SU471665A1 - Signal demodulator with pulse-phase modulation - Google Patents

Description

tel. The second input of the selective cascade 1 is connected to the control input of element 9, the signal input of which is connected to the generator of counting pulses 8, and forming stage 7, the output of which is connected to the multiple position matching element 13 and through element 15 to the register 12, the binary counter 10 and the peak detector 2, the output of the shaping stage 7 is connected to the control input of the number-carrying element 11.

The modulator operates as follows.

The mixture of the signal with pulse-phase modulation and noise is fed to the input 1 of the selection cascade 1, which is controlled by a gating pulse with a duration equal to the observation interval (channel scale) fed to the input 2 of the selection cascade 1. From the output of the selection cascade 1, the signal goes to the delay line 3 and a peak detector 2 with a large constant discharge time (in any case, a longer delay time). The voltage from the output of the peak detector 2, equal to the amplitude of observation of the corresponding surge (signal or noise) in the observation interval, serves as an automatically controlled level of limitation for a given delayed surge. The delay of the signal in the delay line 3 should somewhat exceed the duration of the measuring pulse. At the output of the output stage 4, the difference between the delayed signal and the voltage coming from the output of the peak detector 2 is formed.

After introducing an offset into the peak detector 2 or an appropriate selection of the transmission coefficient of the delay line 3 of the peak detector 2, the differential voltage at the output of the cascade 4 will be cut off all emission spikes (. Including noise) that occur on the channel scale. However, the maximum amplitude surge in the interval will always be the last. Therefore, the last burst at the output of cascade 4 must be taken as a measurement.

From the output of the cascade, 4 vertices of the selected outliers arrive at differentiating cascade 5, and from it through the amplifying-limiting cascade 6 to the shaping cascade 7. At the output of the forming cascade 7 short impulses will operate, the front of which coincides with the points of the maximum cutoff of signal and noise spikes .

The position of the point of maximum value of the pulses entering the amplifying-limiting cascade 6 is determined by the zero position of their derivatives.

Next, these pulses are fed to the control input of the multi-bit number 11 transfer element. Counting pulses from the generator of counting pulses 8 through element 9 are fed to a binary counter 10. Element 9 is opened with a gating pulse coming from the second stage 1 and having

Duration equal to the scale of the channel (observation interval). Counter 10 through the multi-bit number-transfer element 11 is connected to the register 12. Element 11 is used to overwrite the number from the binary counter 10: register 12. Element 11 is opened by pulses coming from the shaping cascade 7. Each time the number is rewritten from

the counter 10 to the register 12, will be proportional to the time interval between the beginning of the gating pulse (the beginning of the channel interval) and the selected pulse coming from the forming cascade 7. The number of transfers from counter 10 to register 12 will be equal to the number of emissions recorded on the channel interval.
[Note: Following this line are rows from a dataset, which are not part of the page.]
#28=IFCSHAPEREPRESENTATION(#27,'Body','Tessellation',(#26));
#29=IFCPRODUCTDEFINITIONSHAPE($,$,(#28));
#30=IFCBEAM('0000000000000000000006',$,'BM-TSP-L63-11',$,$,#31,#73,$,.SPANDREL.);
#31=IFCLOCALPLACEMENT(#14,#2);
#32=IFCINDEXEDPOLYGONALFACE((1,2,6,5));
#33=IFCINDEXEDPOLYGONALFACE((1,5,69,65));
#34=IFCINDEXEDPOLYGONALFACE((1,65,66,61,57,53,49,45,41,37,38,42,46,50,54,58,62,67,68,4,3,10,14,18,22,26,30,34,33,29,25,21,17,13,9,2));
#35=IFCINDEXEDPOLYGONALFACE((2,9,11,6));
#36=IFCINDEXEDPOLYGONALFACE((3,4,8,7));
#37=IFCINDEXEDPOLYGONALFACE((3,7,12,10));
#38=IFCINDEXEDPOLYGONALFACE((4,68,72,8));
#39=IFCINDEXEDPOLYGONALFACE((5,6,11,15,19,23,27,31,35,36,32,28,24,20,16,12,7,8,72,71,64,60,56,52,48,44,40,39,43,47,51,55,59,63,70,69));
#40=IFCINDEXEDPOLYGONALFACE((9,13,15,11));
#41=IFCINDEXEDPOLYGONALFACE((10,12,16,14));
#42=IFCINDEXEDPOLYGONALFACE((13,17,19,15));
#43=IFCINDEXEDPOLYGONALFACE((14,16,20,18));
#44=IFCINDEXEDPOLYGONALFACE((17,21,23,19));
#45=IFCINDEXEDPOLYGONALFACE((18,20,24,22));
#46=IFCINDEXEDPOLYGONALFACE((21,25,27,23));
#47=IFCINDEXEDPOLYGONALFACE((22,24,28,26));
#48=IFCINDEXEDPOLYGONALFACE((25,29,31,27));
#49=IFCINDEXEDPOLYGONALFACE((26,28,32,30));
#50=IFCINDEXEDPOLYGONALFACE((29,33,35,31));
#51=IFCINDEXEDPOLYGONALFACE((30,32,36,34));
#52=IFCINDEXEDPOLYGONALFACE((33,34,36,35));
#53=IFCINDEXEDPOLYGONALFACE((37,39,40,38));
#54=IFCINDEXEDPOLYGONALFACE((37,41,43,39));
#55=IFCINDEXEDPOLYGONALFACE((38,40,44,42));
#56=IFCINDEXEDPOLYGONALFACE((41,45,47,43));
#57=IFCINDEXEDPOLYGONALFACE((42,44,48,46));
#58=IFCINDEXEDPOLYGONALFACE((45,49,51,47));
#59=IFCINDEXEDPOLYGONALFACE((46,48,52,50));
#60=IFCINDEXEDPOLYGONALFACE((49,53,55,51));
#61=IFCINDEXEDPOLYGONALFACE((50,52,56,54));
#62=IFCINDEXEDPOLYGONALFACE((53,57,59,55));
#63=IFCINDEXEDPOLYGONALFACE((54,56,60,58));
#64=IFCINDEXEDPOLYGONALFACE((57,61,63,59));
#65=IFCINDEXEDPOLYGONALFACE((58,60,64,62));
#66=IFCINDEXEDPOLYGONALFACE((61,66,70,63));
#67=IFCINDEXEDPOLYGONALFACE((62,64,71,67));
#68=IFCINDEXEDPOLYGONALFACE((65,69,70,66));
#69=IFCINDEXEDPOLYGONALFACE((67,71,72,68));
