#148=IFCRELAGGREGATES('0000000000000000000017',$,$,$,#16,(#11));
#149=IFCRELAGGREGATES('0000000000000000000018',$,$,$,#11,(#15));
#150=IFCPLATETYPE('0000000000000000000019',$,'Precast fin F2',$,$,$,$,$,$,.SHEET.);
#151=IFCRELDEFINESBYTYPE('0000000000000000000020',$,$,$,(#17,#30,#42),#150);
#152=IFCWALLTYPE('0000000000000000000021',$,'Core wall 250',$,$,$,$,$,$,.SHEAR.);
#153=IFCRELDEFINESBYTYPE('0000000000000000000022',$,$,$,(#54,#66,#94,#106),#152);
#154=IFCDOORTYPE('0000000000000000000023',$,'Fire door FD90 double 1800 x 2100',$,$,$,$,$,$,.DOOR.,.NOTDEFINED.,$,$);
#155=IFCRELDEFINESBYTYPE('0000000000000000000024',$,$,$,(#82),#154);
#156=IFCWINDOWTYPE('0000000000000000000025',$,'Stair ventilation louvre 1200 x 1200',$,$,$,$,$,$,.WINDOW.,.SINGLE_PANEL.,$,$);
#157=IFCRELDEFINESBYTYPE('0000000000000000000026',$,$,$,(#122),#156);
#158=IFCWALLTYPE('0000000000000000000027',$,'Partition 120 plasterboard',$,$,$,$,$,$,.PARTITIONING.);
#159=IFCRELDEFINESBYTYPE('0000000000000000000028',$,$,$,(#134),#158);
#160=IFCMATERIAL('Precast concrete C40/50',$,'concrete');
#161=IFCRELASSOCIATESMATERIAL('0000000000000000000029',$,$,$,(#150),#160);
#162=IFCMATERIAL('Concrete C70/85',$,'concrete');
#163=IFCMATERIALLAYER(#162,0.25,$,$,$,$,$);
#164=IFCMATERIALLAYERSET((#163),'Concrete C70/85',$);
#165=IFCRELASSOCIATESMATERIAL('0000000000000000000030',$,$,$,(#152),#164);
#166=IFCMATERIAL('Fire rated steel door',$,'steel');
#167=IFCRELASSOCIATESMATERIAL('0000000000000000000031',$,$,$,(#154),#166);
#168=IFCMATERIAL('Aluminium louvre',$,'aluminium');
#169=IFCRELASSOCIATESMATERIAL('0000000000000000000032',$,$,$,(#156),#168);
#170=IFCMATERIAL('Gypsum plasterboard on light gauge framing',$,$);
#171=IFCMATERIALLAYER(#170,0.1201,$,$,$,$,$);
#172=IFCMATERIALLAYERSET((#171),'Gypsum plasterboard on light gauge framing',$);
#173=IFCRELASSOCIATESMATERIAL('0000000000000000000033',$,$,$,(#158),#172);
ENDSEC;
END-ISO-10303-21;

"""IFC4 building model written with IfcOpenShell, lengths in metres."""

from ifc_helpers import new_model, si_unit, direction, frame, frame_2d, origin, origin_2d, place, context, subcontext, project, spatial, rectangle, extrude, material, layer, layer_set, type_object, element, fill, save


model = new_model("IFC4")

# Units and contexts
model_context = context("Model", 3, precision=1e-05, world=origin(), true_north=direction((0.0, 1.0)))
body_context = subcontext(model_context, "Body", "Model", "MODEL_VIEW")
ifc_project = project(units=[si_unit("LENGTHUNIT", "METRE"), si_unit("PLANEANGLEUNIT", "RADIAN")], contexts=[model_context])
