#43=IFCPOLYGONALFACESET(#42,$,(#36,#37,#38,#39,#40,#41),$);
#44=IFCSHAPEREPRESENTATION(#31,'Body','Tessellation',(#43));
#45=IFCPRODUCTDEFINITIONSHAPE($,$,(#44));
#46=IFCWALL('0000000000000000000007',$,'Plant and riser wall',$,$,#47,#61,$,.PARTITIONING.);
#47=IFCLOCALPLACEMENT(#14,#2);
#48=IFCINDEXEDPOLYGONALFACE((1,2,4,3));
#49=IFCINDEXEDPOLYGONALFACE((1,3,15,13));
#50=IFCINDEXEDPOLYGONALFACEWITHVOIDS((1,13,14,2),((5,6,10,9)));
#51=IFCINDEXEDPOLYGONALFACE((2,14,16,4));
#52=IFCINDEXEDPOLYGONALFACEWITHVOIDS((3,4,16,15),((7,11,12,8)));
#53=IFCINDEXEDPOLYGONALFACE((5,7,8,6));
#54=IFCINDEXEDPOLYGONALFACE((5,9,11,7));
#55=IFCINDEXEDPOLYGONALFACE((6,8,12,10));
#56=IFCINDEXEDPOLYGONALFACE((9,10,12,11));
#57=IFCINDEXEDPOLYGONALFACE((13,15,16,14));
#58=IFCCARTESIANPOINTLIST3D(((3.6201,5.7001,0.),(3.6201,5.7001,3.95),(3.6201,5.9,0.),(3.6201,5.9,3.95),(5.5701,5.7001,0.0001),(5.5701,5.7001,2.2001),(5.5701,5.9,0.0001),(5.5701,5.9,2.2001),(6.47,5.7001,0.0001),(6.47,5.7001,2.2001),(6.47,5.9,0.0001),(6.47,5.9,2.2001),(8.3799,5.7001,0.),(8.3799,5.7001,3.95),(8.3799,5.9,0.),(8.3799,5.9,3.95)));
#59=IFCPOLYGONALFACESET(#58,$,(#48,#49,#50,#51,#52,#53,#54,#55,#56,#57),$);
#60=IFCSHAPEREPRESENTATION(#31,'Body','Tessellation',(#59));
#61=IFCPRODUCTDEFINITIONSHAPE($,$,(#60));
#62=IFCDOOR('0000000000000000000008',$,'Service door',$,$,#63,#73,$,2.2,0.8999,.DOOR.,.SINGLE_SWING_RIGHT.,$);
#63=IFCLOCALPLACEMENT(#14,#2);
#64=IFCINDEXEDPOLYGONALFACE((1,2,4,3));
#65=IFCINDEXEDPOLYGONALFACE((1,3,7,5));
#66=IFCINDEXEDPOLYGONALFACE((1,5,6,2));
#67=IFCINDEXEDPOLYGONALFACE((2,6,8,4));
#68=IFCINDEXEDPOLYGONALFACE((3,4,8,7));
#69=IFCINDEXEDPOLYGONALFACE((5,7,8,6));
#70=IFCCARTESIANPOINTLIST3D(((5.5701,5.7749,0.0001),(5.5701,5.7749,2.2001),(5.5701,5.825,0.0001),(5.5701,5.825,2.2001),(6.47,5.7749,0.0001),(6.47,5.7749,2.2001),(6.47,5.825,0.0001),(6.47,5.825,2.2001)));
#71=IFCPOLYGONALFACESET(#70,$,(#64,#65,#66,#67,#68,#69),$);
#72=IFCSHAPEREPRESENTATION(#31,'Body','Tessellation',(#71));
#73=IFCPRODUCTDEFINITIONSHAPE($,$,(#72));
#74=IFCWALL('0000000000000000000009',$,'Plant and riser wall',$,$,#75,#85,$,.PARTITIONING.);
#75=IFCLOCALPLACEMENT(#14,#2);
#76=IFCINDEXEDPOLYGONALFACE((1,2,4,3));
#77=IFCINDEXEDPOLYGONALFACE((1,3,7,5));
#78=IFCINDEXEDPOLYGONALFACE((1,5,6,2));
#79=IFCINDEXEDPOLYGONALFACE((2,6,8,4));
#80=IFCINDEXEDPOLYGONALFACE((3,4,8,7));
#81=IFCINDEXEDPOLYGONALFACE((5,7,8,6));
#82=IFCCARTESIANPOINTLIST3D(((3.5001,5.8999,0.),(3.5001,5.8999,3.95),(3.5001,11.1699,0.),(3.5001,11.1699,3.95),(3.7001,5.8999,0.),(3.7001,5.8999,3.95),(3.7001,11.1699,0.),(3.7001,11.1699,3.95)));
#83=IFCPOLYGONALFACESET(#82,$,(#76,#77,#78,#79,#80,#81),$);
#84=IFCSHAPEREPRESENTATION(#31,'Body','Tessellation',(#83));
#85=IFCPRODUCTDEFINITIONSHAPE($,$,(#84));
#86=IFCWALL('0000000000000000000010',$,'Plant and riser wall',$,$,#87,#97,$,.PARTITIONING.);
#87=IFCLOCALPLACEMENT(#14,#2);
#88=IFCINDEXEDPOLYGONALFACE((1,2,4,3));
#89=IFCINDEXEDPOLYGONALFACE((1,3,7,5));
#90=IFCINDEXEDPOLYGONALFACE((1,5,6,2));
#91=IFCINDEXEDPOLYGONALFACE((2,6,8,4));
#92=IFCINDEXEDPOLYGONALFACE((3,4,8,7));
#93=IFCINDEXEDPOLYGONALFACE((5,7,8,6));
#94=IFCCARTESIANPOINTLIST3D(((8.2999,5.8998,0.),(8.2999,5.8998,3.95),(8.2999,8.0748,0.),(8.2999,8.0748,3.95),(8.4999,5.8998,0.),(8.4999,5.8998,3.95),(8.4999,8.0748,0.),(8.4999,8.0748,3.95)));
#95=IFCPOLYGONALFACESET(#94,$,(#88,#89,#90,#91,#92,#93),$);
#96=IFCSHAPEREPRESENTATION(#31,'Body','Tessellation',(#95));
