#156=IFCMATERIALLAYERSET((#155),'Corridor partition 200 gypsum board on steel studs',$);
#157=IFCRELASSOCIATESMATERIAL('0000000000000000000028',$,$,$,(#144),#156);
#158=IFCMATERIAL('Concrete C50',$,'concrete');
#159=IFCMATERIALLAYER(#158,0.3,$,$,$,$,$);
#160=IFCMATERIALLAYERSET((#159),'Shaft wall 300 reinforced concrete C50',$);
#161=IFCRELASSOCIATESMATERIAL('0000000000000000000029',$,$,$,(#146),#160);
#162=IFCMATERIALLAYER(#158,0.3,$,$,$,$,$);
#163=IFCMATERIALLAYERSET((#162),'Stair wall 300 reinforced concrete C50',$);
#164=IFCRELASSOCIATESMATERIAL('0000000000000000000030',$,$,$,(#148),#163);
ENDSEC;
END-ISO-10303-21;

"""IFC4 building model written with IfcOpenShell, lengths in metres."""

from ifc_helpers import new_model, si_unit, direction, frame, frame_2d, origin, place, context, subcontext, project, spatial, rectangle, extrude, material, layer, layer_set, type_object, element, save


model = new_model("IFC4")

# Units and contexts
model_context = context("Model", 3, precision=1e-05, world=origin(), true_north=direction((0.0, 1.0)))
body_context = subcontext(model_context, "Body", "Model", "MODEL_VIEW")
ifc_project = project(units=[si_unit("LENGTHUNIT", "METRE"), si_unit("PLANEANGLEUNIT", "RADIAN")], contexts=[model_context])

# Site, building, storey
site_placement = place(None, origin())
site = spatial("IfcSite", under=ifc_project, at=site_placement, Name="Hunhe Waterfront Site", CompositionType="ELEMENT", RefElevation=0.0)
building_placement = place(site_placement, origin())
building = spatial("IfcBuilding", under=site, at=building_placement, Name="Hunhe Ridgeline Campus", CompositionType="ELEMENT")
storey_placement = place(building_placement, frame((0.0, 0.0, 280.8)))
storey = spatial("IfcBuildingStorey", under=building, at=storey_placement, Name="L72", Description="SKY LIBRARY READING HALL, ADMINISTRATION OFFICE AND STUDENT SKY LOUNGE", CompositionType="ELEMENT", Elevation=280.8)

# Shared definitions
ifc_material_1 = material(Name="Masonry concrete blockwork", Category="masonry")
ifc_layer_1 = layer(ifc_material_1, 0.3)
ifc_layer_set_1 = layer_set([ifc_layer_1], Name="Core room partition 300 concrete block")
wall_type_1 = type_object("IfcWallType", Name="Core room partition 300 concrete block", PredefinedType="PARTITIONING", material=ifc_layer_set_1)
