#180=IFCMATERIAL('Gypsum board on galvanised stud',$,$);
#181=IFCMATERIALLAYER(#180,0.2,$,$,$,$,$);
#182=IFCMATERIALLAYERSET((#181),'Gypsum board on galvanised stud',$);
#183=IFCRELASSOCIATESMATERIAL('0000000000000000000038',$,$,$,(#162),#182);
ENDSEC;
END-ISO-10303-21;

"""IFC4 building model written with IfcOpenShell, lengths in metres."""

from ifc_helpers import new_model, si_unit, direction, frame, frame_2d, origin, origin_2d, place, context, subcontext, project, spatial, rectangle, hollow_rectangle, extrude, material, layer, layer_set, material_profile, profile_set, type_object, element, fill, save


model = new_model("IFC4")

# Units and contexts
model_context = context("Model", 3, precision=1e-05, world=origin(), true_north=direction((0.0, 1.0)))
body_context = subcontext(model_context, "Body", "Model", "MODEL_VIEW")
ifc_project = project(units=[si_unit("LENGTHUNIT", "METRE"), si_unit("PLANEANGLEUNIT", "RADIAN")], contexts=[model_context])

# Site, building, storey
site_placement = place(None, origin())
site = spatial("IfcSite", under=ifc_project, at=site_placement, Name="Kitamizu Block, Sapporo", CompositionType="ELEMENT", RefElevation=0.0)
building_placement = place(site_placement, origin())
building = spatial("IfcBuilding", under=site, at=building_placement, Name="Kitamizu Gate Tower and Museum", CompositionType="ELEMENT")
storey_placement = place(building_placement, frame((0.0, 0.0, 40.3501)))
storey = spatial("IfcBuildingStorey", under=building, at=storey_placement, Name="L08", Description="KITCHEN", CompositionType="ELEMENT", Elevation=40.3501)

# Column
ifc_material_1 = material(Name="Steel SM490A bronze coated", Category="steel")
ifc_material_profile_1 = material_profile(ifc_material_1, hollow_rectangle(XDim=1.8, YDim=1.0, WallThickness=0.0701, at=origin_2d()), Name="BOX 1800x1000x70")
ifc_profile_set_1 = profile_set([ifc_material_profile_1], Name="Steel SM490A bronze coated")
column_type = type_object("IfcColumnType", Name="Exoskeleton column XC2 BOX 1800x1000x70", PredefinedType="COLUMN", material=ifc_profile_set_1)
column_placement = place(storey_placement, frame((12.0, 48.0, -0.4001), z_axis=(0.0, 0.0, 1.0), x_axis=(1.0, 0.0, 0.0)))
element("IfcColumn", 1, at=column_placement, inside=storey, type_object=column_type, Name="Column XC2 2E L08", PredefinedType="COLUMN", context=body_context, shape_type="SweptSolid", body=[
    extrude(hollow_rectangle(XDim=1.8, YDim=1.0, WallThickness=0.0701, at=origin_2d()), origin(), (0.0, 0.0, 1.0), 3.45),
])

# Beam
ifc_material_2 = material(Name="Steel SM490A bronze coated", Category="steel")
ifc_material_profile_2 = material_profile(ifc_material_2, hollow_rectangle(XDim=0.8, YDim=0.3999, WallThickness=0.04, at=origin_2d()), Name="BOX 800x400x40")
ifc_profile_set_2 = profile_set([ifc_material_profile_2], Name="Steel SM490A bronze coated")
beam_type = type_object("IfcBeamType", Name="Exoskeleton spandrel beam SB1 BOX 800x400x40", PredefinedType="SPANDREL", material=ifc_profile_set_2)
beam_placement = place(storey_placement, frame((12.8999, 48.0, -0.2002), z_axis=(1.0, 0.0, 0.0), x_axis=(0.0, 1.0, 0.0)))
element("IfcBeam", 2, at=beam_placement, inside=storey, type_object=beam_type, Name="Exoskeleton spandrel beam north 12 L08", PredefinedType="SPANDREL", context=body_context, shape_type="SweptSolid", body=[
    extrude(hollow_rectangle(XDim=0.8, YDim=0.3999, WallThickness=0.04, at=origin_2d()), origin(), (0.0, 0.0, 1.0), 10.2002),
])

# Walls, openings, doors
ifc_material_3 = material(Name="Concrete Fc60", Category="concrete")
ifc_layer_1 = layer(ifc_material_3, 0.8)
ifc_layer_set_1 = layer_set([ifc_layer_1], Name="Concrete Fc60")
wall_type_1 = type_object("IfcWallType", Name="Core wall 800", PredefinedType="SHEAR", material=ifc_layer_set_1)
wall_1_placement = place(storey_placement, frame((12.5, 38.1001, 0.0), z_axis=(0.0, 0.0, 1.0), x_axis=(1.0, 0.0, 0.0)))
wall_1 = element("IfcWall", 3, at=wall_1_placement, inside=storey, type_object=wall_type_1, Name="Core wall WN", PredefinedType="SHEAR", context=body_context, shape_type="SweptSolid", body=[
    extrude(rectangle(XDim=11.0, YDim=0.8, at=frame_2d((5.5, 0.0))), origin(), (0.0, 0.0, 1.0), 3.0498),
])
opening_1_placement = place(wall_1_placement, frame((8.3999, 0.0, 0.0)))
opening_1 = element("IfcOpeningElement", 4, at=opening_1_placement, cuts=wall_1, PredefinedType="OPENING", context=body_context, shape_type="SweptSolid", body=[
The last transfer will correspond to the last pulse having the maximum amplitude.

Register 12 is polled through multi-element 13 at the end of a channel interval. The sampling pulse is obtained from the slice of the strobe pulse in the shaper 14. A demodulator output will have a number in the parallel binary code proportional to the time interval between the beginning of the channel interval and the temporal position of the last pulse corresponding to the temporal pulse with the maximum amplitude. The return of the demodulator to the initial state (reset of the peak detector 2, cleaning of the counter 10 and register 12) can be effected by an impulse from the output of the former 14 through the element 15.

The demodulator, by the position of the maximum value of the maximum pulse in the observation interval, allows using sufficiently simple technical means to ensure the accuracy and accuracy of fixation of the measuring pulses, which is almost close to the highest theoretically achievable with signals with an unknown phase.

Subject invention

A demodulator of signals with phase-pulse modulation, containing two-input selection and output stages, differentiating, amplifying-limiting and forming stages, a peak detector with two inputs, which are connected in series between themselves, and a delay line, the output of which is connected to the second input of the output stage, the input of the delay line is connected to the output of the selection cascade, characterized in that, in order to ensure the presentation of the results of the demodulation in digital form, the binary demodulator is included in the demodulator tchik with counting input and register with zero input multidigit number transfer element, multi element matcher connected between themselves

sequentially, shaper and element,

a delay signal, the outputs of which are connected to one of the inputs of the multiple position matching element and to the zero input of the binary counter and register and to the second input of the peak detector, respectively, a counting pulse generator and a two-input matching element whose output is connected to the counting input of the binary counter, and its

the inputs are connected to the generator of counting pulses and the connection point of the input of the imaging unit to the second input of the selection cascade, while the output of the shaping cascade is connected to one of the inputs of the multi-digit number transfer element, and the output of the imaging unit to the input of the element that delays the signal.